Мутные, хмельные глаза Симеона сузились в щелки.

— Гы-гы… Ворон… Пойдем-ка лучше к Арине, тяпнем. Хоть душу с тобой отведу.

Отлегло на сердце Сысоя. «Вроде не сердится».

— Арина зачнёт ругаться. Скажет, пришли песни горланить, опять от соседок стыдно.

— Пойдем. Ежели будет ворчать, то вот, — поднёс к носу Сысоя кулак. — У нас разговор недолог. Пусть помнит из чьей муки пироги пекёт.

Шли молча. Сысой пробовал шутить, но Симеон угрюмо молчал. Мутным валом вскипала и плескалась обида на пьяных мужиков. «Жмоты? Денег у нас нету? Да кто считал наши деньги?»

Тяжело было Лушке уйти незаметно из дому. Пришлось пробираться огородами, задами.

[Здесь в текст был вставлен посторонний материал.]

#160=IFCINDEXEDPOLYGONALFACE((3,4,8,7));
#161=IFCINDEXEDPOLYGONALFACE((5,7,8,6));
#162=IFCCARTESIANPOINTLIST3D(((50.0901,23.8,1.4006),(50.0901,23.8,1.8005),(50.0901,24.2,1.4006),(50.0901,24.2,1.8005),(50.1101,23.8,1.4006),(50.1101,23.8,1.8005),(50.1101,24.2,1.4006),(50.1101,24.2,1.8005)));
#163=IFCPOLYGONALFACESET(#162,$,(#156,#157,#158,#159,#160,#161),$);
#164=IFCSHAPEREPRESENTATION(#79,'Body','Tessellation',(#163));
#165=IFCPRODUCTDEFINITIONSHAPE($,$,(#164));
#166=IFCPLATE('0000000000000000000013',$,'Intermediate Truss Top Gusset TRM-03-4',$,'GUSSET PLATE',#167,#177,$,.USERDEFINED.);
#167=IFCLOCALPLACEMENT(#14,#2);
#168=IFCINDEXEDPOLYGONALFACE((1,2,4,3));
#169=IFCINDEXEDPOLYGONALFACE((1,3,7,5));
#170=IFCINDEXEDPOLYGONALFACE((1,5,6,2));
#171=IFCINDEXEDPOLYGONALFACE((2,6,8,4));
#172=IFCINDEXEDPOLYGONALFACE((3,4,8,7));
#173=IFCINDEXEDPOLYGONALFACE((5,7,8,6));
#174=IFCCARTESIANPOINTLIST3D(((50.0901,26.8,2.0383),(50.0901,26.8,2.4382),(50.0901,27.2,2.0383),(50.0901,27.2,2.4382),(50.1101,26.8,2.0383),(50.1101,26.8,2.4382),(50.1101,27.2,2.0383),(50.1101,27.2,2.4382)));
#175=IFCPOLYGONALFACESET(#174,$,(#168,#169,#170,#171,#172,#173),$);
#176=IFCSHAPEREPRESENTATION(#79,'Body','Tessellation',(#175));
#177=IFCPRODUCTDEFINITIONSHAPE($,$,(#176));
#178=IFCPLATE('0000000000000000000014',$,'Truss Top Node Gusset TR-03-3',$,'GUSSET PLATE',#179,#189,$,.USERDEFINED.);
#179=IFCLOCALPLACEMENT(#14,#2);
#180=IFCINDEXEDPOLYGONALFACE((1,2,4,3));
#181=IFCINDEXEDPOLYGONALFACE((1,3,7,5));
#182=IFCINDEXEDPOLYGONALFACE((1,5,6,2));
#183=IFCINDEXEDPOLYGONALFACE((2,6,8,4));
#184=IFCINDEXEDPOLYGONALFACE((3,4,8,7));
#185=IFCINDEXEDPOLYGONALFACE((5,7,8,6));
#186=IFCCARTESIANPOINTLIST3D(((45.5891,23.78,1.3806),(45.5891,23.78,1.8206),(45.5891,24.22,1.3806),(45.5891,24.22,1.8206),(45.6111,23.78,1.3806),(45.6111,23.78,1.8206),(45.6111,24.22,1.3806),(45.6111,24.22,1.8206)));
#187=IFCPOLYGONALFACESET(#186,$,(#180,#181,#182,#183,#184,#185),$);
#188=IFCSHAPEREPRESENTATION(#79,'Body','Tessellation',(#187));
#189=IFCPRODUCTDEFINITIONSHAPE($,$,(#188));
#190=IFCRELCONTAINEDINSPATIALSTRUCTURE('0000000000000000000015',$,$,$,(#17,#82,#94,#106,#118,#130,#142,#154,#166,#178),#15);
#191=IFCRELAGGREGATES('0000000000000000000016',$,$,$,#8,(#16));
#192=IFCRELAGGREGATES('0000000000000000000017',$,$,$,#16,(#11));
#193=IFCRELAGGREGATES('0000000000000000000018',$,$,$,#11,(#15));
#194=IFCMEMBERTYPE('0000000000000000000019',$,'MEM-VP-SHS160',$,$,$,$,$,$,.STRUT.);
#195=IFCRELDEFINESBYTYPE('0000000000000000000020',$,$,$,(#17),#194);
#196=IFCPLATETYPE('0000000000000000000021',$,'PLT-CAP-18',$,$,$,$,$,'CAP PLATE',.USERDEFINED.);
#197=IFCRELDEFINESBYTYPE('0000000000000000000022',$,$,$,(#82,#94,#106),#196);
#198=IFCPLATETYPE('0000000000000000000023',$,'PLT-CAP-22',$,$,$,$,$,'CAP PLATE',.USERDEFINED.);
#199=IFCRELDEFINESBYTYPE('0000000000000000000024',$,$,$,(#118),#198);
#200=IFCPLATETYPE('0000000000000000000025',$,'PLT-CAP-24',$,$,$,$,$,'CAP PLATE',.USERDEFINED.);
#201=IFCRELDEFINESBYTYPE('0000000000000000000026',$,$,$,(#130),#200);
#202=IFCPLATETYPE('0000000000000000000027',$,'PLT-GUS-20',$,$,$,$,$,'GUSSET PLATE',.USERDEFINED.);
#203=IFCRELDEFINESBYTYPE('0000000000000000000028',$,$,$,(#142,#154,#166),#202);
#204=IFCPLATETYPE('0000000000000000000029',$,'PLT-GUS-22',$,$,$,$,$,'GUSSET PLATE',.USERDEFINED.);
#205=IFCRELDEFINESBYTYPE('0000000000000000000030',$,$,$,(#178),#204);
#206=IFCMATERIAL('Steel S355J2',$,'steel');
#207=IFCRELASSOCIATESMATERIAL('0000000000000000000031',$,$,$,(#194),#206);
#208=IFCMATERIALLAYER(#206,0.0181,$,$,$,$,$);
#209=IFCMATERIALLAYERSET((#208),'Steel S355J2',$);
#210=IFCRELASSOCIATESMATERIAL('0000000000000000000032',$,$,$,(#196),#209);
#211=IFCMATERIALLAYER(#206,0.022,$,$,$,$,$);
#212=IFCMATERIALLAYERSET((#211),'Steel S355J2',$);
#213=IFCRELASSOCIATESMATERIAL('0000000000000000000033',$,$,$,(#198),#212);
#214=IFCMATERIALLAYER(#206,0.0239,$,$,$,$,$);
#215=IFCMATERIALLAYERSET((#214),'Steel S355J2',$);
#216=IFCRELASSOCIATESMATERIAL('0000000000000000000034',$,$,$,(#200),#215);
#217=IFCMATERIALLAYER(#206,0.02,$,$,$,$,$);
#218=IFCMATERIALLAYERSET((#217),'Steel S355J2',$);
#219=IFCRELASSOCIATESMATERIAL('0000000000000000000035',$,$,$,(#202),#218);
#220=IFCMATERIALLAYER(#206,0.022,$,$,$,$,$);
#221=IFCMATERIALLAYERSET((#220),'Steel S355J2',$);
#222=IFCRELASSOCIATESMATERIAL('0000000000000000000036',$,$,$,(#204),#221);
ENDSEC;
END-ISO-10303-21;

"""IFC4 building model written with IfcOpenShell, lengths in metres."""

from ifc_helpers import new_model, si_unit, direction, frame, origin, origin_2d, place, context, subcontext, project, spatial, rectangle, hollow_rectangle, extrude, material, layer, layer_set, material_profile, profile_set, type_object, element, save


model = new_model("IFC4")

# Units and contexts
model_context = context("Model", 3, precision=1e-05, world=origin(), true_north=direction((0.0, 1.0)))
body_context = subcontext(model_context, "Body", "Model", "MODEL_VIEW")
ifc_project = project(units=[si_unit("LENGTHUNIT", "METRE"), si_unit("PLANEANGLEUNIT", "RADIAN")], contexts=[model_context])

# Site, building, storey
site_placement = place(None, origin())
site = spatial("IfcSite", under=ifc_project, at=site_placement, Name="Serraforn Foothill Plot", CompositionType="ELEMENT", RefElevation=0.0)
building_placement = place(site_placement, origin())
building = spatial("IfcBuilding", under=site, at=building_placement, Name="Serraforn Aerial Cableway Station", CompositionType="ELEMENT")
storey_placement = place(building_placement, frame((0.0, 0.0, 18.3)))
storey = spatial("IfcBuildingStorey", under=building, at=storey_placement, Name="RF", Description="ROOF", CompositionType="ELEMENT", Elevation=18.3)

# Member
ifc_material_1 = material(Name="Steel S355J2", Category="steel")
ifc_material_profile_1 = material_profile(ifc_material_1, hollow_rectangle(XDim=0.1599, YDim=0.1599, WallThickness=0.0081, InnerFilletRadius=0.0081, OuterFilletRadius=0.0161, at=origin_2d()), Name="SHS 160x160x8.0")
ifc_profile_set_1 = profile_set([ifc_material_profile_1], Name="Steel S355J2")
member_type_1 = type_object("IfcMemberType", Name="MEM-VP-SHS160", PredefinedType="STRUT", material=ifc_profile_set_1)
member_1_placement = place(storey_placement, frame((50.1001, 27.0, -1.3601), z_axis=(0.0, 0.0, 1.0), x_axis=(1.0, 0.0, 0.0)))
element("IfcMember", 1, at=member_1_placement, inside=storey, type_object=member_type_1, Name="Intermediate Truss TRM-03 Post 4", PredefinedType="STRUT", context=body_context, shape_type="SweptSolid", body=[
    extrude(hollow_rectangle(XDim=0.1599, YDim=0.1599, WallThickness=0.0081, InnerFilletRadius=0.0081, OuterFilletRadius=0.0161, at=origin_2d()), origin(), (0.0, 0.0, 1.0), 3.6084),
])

За мельничной плотиной оглянулась. «Вроде бы никого…» Тихо запела:

Начинаются дни золотые
Воровской непроглядной любви.
Эх, вы, кони мои вороные,
Черногривые кони мои.
Пелось бездумно, легко.

— Лушка!

Вавила стоял на поляне в заломленной на затылок фуражке, в наброшенном на плечи пиджаке. Солнце светило ему в спину, низкое, красное, и Лушка видела только силуэт Вавилы, четкий, стремительный на фоне зари. Вавила звал ее:

— Сюда иди, Луша, сюда! Вот тут и садись.

Девушка, запыхавшись, вбежала на гору.

— Что ты, увидят здесь. — Прижалась щекой к груди Вавилы, оглянулась. — Пойдем скорее подальше. Неровен час…

— Никуда не пойду. Пусть все видят. Здесь хорошо. Смотри, пруд, гуси, березки у самой воды. А дальше — горы. — Вавила расстелил пиджак на земле. — Устраивайся удобней.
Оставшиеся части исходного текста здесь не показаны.